Sin embargo, son nuestros propios entornos sociales quienes más barreras suelen colocarnos en estas aspiraciones.

La dura lucha por la felicidad.

En un interesante estudio llevado a cabo por la “Asociación Americana de Mujeres Universitarias” se descubrió algo interesante: una buena parte de las niñas ven reducida su autoestima cuando llegan a la adolescencia. Hasta el momento, las preadolescentes son criaturas excepcionales, con grandes e interesantes ideas sobre el mundo y con un buen autoconcepto.

Sin embargo, algo que se vio en este trabajo es que llegados los 15 o 16 años muchas chicas priorizan el agradar a los demás para encajar en sus respectivos contextos sociales. Ahora bien, para “agradar” es necesario encajar en unos moldes, en unos patrones estéticos y comportamentales. La autoestima, obviamente, queda deshilachada a lo largo de este periodo.

Lo curioso de todo esto es que también los chicos atraviesan esta época de búsqueda, de exploración de la propia identidad y de fractura del propio autoconcepto, en muchos casos. No obstante, y de alguna manera, tal y como nos explica la psicóloga Jean Twenge en sus trabajos, suele quedar desde entonces una categorización errónea al respecto de la mujer y de su “eterna baja autoestima”. Algo no demostrable y completamente falso.


La mujer y sus fortalezas personales.

La antropóloga y bióloga Helen Fisher nos deja muy claro, en su libro “El primer sexo”, que la mujer no nace, se hace. Cuando una se percibe a sí misma como menos perfecta y con derecho a serlo, emergen muchas de nuestras fortalezas.

Es posible que durante nuestra adolescencia nos dejáramos llevar por caprichos ajenos, pero ser joven es al fin y al cabo no poder elegir y coger lo primero que pasa ante nosotras. Poco a poco, aparece el filtro, la exigencia y la autoexigencia. Se fortalece la identidad y sabemos perfectamente qué nos calza y qué nos sobra.

La mujer de hoy no es una Wendy que ansía cuidar de Peter Pan.
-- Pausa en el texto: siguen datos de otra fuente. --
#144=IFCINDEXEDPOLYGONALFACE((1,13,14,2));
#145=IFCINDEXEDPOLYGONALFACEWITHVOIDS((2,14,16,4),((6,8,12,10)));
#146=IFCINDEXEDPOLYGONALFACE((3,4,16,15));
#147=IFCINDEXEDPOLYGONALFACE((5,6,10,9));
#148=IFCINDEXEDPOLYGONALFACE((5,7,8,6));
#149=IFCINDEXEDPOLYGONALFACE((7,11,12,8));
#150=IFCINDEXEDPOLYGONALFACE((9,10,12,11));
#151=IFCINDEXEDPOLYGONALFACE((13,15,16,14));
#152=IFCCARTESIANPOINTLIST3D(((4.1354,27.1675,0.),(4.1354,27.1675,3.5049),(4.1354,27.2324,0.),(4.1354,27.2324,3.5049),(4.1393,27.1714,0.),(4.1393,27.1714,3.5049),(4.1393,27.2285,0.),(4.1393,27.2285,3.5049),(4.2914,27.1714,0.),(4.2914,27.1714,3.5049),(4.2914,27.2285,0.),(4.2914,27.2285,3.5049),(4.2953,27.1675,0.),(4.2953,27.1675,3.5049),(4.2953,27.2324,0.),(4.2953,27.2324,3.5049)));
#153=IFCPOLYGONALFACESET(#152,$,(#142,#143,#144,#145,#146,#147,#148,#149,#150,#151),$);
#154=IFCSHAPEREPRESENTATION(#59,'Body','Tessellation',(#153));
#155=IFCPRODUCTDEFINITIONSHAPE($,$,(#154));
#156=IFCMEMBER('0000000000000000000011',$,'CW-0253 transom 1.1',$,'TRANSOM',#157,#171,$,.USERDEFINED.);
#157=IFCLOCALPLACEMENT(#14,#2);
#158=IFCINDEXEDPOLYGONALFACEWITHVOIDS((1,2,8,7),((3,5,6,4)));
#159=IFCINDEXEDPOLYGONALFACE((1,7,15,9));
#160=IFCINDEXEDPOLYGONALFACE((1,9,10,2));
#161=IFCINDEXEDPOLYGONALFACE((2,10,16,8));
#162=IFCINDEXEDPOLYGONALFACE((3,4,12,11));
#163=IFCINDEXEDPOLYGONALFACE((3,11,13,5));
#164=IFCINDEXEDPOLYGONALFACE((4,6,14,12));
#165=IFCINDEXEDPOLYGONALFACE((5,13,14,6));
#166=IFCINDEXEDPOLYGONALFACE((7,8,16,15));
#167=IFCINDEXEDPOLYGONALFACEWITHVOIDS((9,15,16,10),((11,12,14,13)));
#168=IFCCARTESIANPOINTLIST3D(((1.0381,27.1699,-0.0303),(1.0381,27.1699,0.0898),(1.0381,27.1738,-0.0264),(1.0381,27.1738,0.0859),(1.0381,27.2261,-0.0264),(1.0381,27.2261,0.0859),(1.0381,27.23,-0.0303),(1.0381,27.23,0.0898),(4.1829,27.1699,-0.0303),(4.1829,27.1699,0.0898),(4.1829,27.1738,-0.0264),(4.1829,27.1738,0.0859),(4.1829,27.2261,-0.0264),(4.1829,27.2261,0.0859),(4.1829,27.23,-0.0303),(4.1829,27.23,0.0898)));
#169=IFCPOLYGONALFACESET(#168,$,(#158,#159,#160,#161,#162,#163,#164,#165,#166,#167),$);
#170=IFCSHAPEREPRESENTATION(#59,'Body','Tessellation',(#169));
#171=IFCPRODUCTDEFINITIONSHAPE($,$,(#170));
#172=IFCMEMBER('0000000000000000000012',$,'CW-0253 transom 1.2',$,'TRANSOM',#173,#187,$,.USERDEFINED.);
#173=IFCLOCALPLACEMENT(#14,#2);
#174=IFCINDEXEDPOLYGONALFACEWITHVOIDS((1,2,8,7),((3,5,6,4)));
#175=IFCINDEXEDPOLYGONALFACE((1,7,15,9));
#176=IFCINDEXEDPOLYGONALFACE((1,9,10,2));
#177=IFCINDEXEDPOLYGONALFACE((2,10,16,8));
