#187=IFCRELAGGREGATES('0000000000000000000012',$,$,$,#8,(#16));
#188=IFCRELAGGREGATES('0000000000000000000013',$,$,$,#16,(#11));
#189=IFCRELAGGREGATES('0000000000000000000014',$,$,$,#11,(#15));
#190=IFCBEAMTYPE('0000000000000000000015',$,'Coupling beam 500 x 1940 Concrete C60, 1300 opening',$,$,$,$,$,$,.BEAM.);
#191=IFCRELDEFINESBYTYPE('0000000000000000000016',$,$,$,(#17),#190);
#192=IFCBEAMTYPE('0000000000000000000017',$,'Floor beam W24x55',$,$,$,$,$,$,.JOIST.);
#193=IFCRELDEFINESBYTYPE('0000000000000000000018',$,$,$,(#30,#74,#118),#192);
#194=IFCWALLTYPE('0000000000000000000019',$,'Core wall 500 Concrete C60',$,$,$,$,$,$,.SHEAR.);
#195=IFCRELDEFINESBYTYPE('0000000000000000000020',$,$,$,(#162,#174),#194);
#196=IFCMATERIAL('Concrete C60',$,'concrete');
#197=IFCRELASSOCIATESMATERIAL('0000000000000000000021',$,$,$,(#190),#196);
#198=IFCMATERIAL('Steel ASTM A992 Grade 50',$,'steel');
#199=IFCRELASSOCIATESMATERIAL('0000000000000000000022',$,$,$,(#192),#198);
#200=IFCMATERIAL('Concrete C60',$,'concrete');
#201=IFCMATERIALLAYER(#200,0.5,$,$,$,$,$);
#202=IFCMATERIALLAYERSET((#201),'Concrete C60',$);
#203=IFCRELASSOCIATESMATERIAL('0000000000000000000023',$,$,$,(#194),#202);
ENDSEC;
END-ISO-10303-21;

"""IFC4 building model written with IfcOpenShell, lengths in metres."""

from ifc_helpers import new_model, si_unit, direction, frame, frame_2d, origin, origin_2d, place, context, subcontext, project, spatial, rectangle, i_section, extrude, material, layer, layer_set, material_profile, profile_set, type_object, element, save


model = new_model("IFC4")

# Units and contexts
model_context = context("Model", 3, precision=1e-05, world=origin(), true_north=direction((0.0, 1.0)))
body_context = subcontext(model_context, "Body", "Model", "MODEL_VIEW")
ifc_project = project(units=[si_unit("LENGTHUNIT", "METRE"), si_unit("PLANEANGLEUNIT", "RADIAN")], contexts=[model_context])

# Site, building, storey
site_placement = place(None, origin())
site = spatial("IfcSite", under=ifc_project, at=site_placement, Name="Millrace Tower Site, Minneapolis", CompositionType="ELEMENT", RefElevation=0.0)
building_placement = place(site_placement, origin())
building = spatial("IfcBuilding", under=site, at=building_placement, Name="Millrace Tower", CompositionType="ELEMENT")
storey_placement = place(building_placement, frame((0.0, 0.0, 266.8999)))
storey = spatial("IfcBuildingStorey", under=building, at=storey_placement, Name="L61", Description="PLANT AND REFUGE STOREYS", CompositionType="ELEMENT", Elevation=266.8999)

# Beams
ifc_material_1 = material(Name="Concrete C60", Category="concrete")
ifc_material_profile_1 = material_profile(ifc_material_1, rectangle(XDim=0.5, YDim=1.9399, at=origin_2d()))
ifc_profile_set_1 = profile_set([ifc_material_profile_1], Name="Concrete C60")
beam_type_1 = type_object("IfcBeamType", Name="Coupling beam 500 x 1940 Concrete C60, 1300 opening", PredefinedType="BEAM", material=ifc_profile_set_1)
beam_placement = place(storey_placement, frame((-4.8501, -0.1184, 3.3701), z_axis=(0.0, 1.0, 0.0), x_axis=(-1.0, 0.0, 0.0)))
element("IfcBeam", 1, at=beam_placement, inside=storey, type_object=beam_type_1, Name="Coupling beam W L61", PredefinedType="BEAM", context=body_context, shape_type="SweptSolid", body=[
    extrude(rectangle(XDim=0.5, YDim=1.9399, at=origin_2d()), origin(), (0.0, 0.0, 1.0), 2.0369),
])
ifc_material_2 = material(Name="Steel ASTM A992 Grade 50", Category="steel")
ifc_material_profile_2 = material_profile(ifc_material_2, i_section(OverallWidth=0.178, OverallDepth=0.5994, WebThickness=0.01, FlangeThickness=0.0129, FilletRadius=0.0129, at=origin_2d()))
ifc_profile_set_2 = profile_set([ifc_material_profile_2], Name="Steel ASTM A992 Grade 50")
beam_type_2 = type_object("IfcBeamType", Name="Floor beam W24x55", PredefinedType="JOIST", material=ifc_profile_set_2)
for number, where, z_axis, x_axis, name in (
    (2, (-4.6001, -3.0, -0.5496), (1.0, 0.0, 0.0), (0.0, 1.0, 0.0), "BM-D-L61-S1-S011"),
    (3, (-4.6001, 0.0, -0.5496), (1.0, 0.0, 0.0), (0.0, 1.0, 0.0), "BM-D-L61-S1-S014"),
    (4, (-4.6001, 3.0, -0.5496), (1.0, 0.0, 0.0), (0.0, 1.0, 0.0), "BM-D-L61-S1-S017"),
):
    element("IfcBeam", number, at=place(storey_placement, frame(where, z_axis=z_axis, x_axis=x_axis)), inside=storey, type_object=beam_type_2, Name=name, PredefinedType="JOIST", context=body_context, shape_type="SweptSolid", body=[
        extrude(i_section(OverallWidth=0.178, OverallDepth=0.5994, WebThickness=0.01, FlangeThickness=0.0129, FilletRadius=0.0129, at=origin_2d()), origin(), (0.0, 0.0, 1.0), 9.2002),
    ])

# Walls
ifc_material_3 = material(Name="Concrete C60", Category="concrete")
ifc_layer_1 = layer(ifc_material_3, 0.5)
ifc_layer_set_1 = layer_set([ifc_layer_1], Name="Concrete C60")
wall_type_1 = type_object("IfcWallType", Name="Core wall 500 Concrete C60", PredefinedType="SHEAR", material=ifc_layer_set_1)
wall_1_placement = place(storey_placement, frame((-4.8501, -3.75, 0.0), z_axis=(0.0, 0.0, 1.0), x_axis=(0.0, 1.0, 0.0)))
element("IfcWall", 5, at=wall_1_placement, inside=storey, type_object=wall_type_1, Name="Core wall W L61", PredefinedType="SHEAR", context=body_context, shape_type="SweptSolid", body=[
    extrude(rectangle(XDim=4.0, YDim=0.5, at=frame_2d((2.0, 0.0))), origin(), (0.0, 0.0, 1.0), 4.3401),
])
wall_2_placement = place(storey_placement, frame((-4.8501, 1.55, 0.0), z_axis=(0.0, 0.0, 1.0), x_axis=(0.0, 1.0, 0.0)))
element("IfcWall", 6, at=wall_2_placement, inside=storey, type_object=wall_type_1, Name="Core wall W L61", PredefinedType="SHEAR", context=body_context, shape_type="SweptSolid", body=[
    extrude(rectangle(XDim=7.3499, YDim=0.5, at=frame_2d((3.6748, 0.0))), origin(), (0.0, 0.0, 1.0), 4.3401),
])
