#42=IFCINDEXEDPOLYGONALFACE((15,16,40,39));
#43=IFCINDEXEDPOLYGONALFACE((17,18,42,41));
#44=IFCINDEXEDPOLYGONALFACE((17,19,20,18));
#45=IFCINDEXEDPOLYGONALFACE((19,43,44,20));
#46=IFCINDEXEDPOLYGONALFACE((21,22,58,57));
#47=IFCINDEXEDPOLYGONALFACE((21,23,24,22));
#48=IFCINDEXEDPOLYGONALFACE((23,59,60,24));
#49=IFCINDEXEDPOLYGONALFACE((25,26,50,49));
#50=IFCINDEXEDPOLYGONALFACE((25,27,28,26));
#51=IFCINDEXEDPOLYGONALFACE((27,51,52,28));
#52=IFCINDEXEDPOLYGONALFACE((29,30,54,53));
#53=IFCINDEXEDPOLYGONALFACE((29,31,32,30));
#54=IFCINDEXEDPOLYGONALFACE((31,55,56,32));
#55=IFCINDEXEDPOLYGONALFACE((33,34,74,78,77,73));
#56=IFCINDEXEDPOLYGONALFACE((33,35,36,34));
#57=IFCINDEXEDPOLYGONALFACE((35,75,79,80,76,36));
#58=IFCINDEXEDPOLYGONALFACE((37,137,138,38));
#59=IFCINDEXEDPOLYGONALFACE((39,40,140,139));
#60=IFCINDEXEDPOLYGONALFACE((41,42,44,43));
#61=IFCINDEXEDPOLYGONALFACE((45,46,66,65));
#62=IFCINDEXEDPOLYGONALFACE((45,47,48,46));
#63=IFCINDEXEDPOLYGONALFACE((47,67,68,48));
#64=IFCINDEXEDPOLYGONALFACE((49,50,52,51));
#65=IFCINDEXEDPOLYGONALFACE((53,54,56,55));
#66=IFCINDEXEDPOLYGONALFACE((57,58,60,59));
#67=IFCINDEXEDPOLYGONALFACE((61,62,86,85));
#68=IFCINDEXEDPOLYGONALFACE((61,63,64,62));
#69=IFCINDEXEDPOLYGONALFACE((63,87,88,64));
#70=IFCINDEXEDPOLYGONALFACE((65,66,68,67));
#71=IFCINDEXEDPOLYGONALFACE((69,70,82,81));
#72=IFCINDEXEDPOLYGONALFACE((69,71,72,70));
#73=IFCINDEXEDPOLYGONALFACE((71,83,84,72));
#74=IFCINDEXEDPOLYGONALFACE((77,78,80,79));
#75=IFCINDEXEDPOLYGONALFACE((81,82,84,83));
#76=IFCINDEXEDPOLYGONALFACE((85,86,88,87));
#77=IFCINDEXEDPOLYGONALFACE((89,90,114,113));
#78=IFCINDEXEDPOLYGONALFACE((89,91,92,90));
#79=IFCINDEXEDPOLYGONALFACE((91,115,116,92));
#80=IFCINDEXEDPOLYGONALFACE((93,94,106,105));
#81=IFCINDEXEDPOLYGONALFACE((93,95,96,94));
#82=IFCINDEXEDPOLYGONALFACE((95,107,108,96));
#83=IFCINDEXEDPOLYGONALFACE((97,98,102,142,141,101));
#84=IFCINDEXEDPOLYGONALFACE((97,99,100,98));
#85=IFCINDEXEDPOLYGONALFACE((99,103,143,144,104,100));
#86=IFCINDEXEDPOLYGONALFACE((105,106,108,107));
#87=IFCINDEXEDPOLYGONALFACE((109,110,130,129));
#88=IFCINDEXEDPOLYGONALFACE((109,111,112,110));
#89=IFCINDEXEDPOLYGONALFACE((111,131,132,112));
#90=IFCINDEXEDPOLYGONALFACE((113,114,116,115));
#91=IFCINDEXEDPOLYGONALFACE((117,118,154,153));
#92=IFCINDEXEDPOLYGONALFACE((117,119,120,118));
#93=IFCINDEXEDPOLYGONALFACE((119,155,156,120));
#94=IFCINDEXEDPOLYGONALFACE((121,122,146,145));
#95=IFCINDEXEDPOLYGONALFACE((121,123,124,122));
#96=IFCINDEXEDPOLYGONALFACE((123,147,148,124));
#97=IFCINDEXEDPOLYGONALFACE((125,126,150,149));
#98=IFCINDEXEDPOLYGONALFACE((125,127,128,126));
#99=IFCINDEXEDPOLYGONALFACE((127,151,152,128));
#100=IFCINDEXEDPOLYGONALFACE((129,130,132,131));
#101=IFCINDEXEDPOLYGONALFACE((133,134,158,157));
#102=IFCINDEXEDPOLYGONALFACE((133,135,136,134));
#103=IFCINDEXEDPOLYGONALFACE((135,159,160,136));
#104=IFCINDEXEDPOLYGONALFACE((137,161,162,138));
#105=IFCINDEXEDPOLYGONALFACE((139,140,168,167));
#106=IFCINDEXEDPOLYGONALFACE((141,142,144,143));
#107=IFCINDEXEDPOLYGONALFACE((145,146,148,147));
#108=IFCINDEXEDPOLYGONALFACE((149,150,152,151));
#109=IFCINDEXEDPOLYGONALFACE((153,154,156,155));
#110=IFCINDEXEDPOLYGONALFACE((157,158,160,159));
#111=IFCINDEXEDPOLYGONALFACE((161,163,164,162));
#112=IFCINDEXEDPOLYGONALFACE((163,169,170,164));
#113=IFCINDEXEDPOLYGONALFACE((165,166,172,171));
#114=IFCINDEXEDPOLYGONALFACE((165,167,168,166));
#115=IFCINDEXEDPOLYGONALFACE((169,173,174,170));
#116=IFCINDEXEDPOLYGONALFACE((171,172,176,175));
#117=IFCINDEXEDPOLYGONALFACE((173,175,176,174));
La mujer de hoy ya no cree en los cuentos de hadas ni quiere hombres inmaduros que no quieren crecer. Se quiere a sí misma, confía en su intuición, en sus instintos y se ve merecedora de alcanzar sus sueños.

Si bien es cierto que la mujer puede sufrir más ansiedad o más depresiones que un hombre, dispone de mejores recursos personales y psicológicos para afrontar estas situaciones y salir fortalecida de ellos. Porque si de algo entiende es de resiliencia.

De hecho, es posible que muchos no lo sepan, pero las mujeres han aprendido a buscar dentro de sí, como auténticas hechiceras de sabidurías ancestrales. Entienden de ciclos, de renacimientos, de perder y de vencer, de dejar ir y saber recibir. No son en absoluto criatura frágiles, cada mujer está hecha de hojas luminosas bañadas por el sol y de raíces que han crecido en las peores tormentas.

Estoy despierta por dentro y por fuera, soy mi propia medicina, mi talismán, un corazón rebelde que ya no quiere amores cautivos. Soy más humana, menos perfecta y más feliz. Alguien tan valiente como para amarse a sí misma cada día, libre de esas mentes pequeñas que dicen que mis sueños son demasiado grandes.